Loading

Ketik untuk mencari

Amerika Eropa

Bantah Fitnah dan Tuduhan ‘Ancam Kedaulatan Negeri Paman Sam’, Moskow Tegaskan Tak Pernah Langgar Batas Wilayah Amerika

POROS PERLAWANAN – Angkatan Udara AS melaporkan telah mencegat dua pesawat pengintai Rusia yang memasuki “zona identifikasi pertahanan” di Alaska. Moskow membantah dan mengatakan itu adalah penerbangan pelatihan dan pesawat-pesawat itu tidak mencapai wilayah udara AS, RT melaporkan.

Beberapa pesawat tempur F-22 Raptor AS, diiringi oleh pesawat pengisi bahan bakar udara KC-135 Stratotanker dan pesawat radar E-3 AWACS, dikerahkan untuk mencegat pesawat militer Rusia di atas Laut Bering pada Rabu, 8 April. Hal ini disampaikan oleh Komando Pertahanan Udara Amerika Utara (NORAD) melalui serangkaian tweet pada hari Kamis.

Pencegatan terjadi di utara Kepulauan Aleut, yang membentang jauh ke Samudra Pasifik dari pantai Alaska.

Segerombolan pasukan udara canggih nan tangguh tersebut dikirim untuk melacak pesawat patroli maritim Il-38 dan beberapa pesawat anti-kapal selam milik Angkatan Laut Rusia yang sudah berusia lebih dari setengah abad.

Perwakilan Militer Rusia menjelaskan bahwa pesawat-pesawat era Soviet ini juga dapat digunakan untuk misi pencarian dan penyelamatan maritim. Namun kali ini, mereka berada dalam penerbangan pelatihan relokasi jarak jauh yang melibatkan simulasi pengintaian laut dan perburuan kapal selam.

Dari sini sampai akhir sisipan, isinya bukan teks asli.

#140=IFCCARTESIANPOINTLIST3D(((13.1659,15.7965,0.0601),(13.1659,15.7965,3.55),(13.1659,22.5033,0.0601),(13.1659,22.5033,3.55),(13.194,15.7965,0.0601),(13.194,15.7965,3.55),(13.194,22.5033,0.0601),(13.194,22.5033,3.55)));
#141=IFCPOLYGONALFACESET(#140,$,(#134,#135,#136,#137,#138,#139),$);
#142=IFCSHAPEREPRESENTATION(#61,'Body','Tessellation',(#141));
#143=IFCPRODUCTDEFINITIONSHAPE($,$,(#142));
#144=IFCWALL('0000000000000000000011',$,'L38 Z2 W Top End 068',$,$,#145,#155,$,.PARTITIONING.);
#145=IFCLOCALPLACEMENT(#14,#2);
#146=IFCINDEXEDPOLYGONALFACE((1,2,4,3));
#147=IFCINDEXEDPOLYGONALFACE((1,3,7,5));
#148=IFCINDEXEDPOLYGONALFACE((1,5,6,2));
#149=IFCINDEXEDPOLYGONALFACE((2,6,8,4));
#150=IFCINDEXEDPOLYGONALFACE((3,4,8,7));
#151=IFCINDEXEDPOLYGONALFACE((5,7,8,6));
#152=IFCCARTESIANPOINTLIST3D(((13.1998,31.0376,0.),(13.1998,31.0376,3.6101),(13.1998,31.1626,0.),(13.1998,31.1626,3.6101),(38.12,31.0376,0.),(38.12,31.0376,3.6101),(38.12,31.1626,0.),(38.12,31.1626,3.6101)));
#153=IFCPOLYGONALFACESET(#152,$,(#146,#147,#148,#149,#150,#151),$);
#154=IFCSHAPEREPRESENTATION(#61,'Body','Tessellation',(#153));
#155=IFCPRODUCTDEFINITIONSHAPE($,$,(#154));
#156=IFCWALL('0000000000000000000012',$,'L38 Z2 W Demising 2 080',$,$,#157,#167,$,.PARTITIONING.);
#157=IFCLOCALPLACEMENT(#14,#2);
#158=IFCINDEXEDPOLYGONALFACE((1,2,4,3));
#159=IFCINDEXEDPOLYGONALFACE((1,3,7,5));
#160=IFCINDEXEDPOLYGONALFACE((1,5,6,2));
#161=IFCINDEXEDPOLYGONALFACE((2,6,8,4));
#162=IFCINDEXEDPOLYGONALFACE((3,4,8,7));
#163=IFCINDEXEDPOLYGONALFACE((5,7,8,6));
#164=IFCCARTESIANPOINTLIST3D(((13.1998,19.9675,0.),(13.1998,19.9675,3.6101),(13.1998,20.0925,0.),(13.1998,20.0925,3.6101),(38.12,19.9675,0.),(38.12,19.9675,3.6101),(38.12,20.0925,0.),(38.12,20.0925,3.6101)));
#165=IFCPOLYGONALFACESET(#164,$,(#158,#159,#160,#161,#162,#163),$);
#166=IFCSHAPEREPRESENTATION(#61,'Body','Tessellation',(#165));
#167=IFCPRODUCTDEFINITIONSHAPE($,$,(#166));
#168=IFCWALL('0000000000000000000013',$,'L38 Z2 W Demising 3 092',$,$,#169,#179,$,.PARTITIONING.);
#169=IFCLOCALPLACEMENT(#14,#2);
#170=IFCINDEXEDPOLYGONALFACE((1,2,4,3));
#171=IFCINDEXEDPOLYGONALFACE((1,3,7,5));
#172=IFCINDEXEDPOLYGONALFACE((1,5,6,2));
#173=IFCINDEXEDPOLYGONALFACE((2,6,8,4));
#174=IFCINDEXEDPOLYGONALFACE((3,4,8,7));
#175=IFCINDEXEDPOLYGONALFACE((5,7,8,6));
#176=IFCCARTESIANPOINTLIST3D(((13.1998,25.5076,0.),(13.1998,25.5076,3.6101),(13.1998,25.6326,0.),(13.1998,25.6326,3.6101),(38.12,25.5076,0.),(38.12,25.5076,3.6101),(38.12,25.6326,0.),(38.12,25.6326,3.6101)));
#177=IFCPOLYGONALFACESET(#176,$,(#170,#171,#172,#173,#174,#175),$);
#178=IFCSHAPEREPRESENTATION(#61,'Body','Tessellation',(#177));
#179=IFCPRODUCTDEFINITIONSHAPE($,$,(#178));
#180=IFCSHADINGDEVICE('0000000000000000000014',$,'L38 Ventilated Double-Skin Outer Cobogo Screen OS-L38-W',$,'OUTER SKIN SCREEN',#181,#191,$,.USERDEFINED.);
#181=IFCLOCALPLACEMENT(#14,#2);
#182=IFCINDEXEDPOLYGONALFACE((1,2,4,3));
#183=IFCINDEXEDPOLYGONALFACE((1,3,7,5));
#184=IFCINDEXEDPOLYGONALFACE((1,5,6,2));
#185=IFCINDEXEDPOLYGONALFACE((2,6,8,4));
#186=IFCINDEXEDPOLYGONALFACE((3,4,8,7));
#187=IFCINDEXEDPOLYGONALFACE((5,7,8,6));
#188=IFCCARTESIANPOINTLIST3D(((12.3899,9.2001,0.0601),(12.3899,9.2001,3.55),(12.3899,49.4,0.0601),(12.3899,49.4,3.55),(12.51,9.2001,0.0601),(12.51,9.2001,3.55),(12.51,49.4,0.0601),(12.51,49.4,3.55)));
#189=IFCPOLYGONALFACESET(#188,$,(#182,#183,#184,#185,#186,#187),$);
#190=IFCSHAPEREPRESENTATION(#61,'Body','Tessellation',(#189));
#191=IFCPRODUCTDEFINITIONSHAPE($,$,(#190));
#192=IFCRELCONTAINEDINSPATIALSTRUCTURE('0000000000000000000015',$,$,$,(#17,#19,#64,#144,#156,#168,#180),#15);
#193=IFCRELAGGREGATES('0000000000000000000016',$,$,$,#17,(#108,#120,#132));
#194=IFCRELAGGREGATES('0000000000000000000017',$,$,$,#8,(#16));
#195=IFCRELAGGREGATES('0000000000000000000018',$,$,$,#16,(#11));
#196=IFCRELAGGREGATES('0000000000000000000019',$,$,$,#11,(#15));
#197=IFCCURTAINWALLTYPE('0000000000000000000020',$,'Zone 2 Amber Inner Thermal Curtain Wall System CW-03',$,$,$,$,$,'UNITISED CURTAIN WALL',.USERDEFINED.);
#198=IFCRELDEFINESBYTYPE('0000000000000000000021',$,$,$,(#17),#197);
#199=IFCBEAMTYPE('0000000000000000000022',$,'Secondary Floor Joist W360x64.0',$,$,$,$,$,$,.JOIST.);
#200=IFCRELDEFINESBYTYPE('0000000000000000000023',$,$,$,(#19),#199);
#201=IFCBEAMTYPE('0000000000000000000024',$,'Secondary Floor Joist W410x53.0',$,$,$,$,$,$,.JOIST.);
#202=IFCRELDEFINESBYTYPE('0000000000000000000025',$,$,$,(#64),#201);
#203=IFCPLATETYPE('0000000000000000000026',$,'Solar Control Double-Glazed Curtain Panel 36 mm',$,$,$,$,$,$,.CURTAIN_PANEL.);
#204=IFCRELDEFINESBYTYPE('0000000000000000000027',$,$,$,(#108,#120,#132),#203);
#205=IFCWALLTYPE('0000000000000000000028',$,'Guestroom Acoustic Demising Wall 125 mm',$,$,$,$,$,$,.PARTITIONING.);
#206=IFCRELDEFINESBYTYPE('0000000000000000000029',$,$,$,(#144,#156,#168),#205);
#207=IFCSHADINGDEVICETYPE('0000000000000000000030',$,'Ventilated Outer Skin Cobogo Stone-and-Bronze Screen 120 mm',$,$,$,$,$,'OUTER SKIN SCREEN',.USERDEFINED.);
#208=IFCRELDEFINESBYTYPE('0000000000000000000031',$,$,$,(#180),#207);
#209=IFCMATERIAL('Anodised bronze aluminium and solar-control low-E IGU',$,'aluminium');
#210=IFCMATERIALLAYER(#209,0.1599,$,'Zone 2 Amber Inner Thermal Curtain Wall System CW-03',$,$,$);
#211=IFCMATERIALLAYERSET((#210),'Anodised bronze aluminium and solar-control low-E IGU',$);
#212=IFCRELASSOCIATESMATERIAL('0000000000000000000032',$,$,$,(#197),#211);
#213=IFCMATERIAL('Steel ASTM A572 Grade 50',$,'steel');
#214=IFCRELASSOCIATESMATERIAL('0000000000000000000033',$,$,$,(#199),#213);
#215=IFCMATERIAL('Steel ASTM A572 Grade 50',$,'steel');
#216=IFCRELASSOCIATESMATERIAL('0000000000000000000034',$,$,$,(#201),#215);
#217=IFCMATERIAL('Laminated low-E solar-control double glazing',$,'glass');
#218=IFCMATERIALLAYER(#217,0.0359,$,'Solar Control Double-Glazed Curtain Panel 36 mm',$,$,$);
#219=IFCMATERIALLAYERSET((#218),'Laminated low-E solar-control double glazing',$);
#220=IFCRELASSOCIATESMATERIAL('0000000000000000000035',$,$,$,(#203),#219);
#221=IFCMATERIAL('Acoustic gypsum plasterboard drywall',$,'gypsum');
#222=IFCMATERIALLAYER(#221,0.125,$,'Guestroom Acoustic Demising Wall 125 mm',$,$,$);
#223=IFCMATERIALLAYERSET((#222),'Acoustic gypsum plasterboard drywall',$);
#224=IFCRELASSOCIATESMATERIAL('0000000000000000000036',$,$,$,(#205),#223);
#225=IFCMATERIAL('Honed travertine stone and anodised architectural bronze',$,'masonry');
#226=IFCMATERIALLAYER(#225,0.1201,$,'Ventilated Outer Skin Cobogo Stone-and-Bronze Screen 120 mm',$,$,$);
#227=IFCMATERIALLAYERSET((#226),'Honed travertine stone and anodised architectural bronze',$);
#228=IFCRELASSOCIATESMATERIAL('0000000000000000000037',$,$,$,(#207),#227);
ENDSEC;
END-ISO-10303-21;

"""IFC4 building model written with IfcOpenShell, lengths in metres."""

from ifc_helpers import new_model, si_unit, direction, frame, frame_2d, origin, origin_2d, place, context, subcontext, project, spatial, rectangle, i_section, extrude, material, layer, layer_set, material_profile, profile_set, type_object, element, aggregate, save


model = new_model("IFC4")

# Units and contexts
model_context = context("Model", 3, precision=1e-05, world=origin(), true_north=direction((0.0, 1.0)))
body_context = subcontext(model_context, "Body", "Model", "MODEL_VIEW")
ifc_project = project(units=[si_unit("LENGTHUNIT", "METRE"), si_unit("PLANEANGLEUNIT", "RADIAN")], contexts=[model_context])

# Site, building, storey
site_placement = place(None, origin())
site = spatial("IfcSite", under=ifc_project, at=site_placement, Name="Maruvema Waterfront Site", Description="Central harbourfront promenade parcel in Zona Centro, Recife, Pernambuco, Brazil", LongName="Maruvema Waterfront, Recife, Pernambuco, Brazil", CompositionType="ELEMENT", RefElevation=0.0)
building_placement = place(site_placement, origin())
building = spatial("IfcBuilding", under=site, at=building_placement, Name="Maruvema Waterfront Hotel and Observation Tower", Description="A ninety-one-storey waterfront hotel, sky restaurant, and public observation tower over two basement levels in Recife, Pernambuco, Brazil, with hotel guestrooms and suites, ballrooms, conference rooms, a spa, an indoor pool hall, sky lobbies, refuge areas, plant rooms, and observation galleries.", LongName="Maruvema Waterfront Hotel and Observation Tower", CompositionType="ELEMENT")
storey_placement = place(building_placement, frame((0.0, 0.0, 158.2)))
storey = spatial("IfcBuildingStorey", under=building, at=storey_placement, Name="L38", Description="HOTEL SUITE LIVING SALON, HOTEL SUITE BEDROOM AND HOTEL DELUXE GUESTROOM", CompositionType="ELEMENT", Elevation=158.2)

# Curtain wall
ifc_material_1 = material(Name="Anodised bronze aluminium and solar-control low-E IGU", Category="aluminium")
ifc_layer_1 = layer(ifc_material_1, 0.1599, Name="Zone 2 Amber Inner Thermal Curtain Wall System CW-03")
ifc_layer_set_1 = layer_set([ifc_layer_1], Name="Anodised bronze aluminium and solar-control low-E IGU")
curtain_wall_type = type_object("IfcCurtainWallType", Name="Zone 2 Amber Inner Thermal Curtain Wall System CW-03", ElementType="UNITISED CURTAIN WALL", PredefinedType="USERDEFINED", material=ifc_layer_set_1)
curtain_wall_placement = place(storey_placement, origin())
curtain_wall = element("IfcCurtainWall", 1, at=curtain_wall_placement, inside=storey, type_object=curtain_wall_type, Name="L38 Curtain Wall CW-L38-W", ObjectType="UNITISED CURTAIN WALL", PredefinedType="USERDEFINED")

Kementerian Pertahanan Rusia telah berulang kali mengatakan bahwa pesawat militernya melakukan penerbangan pelatihan sesuai dengan aturan internasional. Bahkan NORAD secara terbuka menyatakan bahwa pesawat-pesawat itu “tidak memasuki wilayah udara Amerika Serikat atau Kanada.”

Tetapi Pemerintah AS malah mengeluarkan statemen yang berkebalikan, mereka mengatakan bahwa pesawat Rusia berada di dalam “Zona Identifikasi Pertahanan Udara Alaska'”, sebuah zona yang oleh AS secara sepihak didefinisikan sebagai kawasan yang apabila ada pesawat asing melintas, AS berhak untuk melakukan pemantauan demi keamanan nasional.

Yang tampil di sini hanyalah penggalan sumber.